The run, ship size. Everything seemed right. Ambition got in the way.


----------



## muldonaich (Nov 19, 2005)

they were great little ships bill i did 9 months on one of joe constantines the lochwood was in umteen ports with these ships great crowds great fun ashore we used to do 26 ports in the meddi then belfast dublin avonmouth cardiff swansea newport glasgow then back out the meddi 12 passengers great little ship great crowd captain hutchison hope i spelt it right my first trip never forget the dirty half mile and the black cat bar in genoa brgs kev.


----------



## Bill Davies (Sep 5, 2007)

Now you have made me jealous!

Brgds
Bill


----------



## Ron Stringer (Mar 15, 2005)

muldonaich said:


> i did 9 months on one of joe constantines the lochwood was in umteen ports with these ships great crowds great fun ashore we used to do 26 ports in the meddi then belfast dublin avonmouth cardiff swansea newport glasgow then back out the meddi 12 passengers great little ship great crowd captain hutchison .
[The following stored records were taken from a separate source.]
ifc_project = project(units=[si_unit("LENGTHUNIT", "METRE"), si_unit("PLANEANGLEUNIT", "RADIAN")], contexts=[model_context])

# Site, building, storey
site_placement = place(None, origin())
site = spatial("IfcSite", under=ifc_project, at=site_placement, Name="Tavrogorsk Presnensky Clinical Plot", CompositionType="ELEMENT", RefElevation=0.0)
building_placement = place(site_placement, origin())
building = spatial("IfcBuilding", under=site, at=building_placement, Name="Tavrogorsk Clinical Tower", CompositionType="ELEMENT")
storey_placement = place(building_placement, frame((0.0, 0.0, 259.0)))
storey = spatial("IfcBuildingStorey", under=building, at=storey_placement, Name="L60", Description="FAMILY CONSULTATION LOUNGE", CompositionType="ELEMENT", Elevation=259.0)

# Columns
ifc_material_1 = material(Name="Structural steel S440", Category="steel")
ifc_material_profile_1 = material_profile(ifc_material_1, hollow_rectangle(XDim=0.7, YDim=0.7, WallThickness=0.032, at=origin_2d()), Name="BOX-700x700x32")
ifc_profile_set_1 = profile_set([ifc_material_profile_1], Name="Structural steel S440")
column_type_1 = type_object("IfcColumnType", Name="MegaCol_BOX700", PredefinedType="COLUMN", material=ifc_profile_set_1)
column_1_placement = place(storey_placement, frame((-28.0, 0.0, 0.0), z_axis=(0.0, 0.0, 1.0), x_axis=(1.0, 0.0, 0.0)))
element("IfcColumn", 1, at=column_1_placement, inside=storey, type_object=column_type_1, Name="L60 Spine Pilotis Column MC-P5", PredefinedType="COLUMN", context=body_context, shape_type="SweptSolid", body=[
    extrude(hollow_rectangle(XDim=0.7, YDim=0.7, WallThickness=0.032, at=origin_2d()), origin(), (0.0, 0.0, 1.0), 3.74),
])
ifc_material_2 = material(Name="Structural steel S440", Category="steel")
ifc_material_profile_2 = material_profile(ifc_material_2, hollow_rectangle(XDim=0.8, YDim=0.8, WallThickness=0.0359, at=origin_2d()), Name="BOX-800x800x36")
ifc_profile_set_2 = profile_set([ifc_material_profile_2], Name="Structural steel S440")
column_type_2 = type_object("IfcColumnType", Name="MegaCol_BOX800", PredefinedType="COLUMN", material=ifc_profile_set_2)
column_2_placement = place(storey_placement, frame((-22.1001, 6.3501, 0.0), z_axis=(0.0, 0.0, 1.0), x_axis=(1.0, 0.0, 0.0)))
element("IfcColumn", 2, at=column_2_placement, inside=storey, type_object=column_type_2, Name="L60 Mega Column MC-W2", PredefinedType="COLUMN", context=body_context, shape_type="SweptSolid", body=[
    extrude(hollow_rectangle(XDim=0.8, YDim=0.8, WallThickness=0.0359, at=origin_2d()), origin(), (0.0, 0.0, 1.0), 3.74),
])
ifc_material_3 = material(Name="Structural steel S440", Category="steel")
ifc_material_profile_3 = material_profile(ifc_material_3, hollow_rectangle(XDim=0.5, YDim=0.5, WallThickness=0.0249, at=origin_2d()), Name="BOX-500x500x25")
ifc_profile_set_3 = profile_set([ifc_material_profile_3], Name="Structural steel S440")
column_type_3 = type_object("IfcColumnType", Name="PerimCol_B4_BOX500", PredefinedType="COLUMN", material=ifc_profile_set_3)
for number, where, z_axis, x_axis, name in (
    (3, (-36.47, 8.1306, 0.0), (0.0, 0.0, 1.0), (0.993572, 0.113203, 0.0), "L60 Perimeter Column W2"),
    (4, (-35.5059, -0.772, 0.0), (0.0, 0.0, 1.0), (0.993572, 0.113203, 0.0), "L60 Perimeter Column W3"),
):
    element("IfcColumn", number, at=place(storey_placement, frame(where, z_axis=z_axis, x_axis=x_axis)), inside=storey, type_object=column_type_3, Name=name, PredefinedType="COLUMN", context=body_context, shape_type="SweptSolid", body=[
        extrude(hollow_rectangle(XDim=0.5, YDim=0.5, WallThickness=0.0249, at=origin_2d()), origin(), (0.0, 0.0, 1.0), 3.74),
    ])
Sailed for one trip on the 'Lochwood' with Hutchison (or Hutchinson - can't read his signature on my DB) in March/April 1961. Great run, happy ship and good food. Excellent cook with an unusual social life (see http://www.shipsnostalgia.com/showthread.php?p=172581#post172581).


----------



## russell hope (Jul 25, 2009)

I did two trips to the med on the Florian in '68 (Aug to Nov) as a peggy it had a good mixed crew, i cant remember any names but i do recall a night in a small greek port,the ship was ready to leave but the majority of the deck crew were ashore off there heads on ouzo,that was a long night i can tell you


----------



## Pat Kennedy (Apr 14, 2007)

I sailed in the Patrician, straight from Blue Funnel. what a difference!
Easygoing and good food, but the steam winches and antwacky deck gear took some getting used to, as did the steam steering engine directly below the sailors accomodation. It used to drive me nuts.
Pat


----------